I've also adjusted my ET calculations to reflect a 5% loss of precipitation. Rather than going with 80% off the bat, I wanted to see how hydretain works. In this Case I actually suspect that the soil depth is not sufficient and there is asphalt below this part of the lawn. Or, perhaps the grass in the front section next to the driveway just really sucks at dealing with heat. In any case, I don't see general wilting right now but I'm okay with topping up the water right now.


----------



## doverosx (Aug 7, 2019)

I definitely broke the 1/3 rule here but this growth was mostly in the last two days where I was at all day events.
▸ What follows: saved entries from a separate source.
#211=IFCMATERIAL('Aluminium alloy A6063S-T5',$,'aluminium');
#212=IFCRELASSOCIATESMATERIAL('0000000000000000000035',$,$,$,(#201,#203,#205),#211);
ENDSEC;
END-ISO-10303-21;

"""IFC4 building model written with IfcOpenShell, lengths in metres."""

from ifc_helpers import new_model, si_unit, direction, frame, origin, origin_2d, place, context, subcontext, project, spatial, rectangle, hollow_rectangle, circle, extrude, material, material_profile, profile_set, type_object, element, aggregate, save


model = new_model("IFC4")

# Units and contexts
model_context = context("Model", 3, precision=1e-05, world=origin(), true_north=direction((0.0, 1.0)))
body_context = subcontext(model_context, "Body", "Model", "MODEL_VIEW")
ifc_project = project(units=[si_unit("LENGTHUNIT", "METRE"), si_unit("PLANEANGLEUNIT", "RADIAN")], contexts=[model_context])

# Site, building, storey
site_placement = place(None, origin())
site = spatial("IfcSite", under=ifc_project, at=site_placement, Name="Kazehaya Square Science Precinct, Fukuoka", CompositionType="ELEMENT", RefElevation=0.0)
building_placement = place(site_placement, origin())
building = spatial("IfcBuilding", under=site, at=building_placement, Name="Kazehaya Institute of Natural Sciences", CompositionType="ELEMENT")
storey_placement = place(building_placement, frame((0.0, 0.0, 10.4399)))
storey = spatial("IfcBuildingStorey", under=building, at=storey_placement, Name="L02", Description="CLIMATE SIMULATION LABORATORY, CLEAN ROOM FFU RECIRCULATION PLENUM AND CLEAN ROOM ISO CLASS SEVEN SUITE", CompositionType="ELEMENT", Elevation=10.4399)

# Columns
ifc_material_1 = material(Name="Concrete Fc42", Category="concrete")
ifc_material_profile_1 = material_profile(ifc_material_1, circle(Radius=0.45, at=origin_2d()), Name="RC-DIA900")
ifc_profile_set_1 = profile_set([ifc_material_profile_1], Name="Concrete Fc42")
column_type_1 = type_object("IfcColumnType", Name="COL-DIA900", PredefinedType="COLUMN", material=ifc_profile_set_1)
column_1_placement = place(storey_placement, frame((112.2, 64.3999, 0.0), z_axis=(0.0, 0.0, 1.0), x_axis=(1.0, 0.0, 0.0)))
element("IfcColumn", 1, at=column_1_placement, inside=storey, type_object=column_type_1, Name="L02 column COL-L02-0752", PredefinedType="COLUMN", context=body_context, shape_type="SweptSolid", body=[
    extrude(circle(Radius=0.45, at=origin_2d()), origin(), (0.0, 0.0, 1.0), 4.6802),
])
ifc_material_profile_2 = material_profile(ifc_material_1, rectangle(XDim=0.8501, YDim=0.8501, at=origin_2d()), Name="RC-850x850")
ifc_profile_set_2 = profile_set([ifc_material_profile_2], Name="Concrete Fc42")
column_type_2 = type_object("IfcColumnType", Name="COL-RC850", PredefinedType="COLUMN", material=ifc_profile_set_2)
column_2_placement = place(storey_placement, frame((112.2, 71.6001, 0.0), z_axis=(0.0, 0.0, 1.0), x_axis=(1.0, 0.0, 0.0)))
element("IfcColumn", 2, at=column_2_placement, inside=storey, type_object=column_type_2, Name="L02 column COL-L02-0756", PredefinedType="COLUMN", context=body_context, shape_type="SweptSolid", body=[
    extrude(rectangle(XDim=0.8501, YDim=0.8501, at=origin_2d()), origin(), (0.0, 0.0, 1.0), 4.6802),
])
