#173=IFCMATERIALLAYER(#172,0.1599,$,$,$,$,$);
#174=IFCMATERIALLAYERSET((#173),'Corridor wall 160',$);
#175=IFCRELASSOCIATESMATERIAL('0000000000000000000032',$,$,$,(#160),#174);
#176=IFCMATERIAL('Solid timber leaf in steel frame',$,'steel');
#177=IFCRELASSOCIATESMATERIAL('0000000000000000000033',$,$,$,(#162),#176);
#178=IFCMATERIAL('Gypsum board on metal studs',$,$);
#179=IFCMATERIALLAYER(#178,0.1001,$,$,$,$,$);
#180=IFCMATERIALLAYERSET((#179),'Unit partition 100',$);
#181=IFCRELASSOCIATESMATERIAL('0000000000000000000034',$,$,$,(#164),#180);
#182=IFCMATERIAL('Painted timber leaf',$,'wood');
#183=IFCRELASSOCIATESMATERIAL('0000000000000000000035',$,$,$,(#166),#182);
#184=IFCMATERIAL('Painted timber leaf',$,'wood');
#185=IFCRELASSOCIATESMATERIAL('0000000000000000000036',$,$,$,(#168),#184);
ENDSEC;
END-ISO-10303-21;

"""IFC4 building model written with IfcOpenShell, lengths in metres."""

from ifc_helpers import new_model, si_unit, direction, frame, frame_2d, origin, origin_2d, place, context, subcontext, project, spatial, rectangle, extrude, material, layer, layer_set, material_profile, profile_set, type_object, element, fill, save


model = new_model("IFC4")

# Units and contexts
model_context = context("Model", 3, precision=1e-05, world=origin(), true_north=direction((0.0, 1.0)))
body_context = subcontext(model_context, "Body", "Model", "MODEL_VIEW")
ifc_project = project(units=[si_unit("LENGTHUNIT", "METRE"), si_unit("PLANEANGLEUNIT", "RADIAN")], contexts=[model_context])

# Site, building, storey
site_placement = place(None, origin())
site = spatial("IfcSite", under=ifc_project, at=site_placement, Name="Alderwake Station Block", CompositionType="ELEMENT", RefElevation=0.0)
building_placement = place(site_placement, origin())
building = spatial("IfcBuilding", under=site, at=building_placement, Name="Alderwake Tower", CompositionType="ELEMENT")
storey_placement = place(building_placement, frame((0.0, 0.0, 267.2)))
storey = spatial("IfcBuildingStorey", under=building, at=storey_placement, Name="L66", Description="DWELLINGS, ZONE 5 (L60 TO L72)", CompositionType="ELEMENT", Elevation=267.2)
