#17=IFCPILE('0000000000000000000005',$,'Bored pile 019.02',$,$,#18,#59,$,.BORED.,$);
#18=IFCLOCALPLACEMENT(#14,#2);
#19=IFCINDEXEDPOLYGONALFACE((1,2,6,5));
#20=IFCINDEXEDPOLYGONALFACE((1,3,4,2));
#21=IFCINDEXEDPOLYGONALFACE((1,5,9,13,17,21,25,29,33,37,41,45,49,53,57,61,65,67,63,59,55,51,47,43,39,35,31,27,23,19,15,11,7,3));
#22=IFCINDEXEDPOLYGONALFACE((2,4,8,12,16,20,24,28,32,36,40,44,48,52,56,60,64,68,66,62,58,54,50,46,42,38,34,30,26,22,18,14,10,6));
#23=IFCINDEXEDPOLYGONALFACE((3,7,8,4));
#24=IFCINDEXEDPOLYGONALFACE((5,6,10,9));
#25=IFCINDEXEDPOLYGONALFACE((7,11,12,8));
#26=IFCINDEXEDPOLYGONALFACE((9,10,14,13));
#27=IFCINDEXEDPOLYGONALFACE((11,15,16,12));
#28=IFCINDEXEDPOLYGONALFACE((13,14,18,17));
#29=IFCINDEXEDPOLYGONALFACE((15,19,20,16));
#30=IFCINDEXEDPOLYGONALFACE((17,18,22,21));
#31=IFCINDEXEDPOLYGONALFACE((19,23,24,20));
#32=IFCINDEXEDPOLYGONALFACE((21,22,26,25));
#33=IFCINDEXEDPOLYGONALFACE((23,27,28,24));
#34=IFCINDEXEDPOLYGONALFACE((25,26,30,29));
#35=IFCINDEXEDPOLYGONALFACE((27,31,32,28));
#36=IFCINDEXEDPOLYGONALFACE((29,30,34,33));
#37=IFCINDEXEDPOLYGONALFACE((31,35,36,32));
I have my weed spraying cut out for me, but I haven't been able to time things right…between watering, raining, heat, wind, etc.


----------



## doverosx (Aug 7, 2019)

Sprayed 2,[email protected]/G. Still have half the mixture left over.


----------



## doverosx (Aug 7, 2019)

Today.... brings us:
- 1lbs/1k sulfur
- 1.5lbs/1k HumiChar
- 8oz/1k MicroGreene
- 7.5oz/1k Hydretain
- 5lbs/1k 10-12-12

2022 totals:
Prodiamine: 1.1 oz
Humic Acid: 5
HumiChar: 1.5
N: 1.14
P: 1.08
K: 1.07
S: 5

I'll also be watering 2.5 hours per section.


----------



## doverosx (Aug 7, 2019)

Today.... brings us:
- 1lbs/1k sulfur
- 9oz/1k RGS
- 5lbs/1k 10-12-12

2022 totals:
Prodiamine: 1.1 oz
Humic Acid: 5
HumiChar: 1.5
N: 1.34
P: 1.32
K: 1.31
S: 5

And a follow up application of 2,4-d.


----------



## doverosx (Aug 7, 2019)

Today.... brings us:
- 1lbs/1k sulfur
- 9oz/1k Air-8
- 2.5lbs/1k 10-12-12

2022 totals:
Prodiamine: 1.1 oz
Humic Acid: 5
HumiChar: 1.5
N: 1.44
P: 1.46
K: 1.55
S: 6

There were plenty of signs of wilting and dry soil so I checked my ET page and saw that the current level was below the ET50 threshold. I'll be adjusting the absorbed precipitation by another 5%. Typically I would've watered yesterday or this morning but I'm recovering from racing and travelling for the FLR SCCA national tour event at the Seneca Army Depot.


----------



## doverosx (Aug 7, 2019)

I didn't have the opportunity to keep up with the heat this weekend so my water stores are very low right now. I'm currently watering in the lawn after a good mow job. Today.... brings us:
- 1lbs/1k sulfur
- 6oz/1k D-Thatch
- 2.5lbs/1k 10-12-12

2022 totals:
Prodiamine: 1.1 oz
Humic Acid: 5
HumiChar: 1.5
N: 1.54
P: 1.58
K: 1.67
S: 7


----------



## doverosx (Aug 7, 2019)

I did a double cut today to show off the lawn for Canada Day.


----------



## doverosx (Aug 7, 2019)

This weekend was a split app of 10-12-12, Sulfur, MicroGreene, Humichar and Hydretain. This morning I woke up early and sprayed the lawn with Hydretain and I'm currently watering it in right now. It will be even better if the lawn dries out so I can mow it ahead of the "forecasted" rain storms tomorrow.

2022 totals:
Prodiamine: 1.1 oz
Humic Acid: 5
HumiChar: 3
N: 1.64
P: 1.70
K: 1.79
S: 8


----------



## doverosx (Aug 7, 2019)

Yesterday, I threw down some 10-12-12, RGS and sulfur.

2022 totals:
Prodiamine: 1.1 oz
Humic Acid: 5
HumiChar: 3
N: 1.74
P: 1.82
K: 1.91
S: 9


----------



## doverosx (Aug 7, 2019)

Today, I threw down some 10-12-12, Air-8 and sulfur.

2022 totals:
Prodiamine: 1.1 oz
Humic Acid: 5
HumiChar: 3
N: 1.84
P: 1.94
K: 2.03
S: 10

I've also adjusted my precipitation absorption to 85%. The usual areas are cooked but holding on better than ever before. Next season, I'll be able to adjust the absorption factor closer to real values.


----------



## Babameca (Jul 29, 2019)

Looks good for the heat. What's your long-term plan for the street damage? You can do this...


----------



## doverosx (Aug 7, 2019)

I think my plan is to look at covering the area so the salt doesn't sterilize the ground so badly. Strangely, I didn't get any plow damage but the salt damage was off the charts.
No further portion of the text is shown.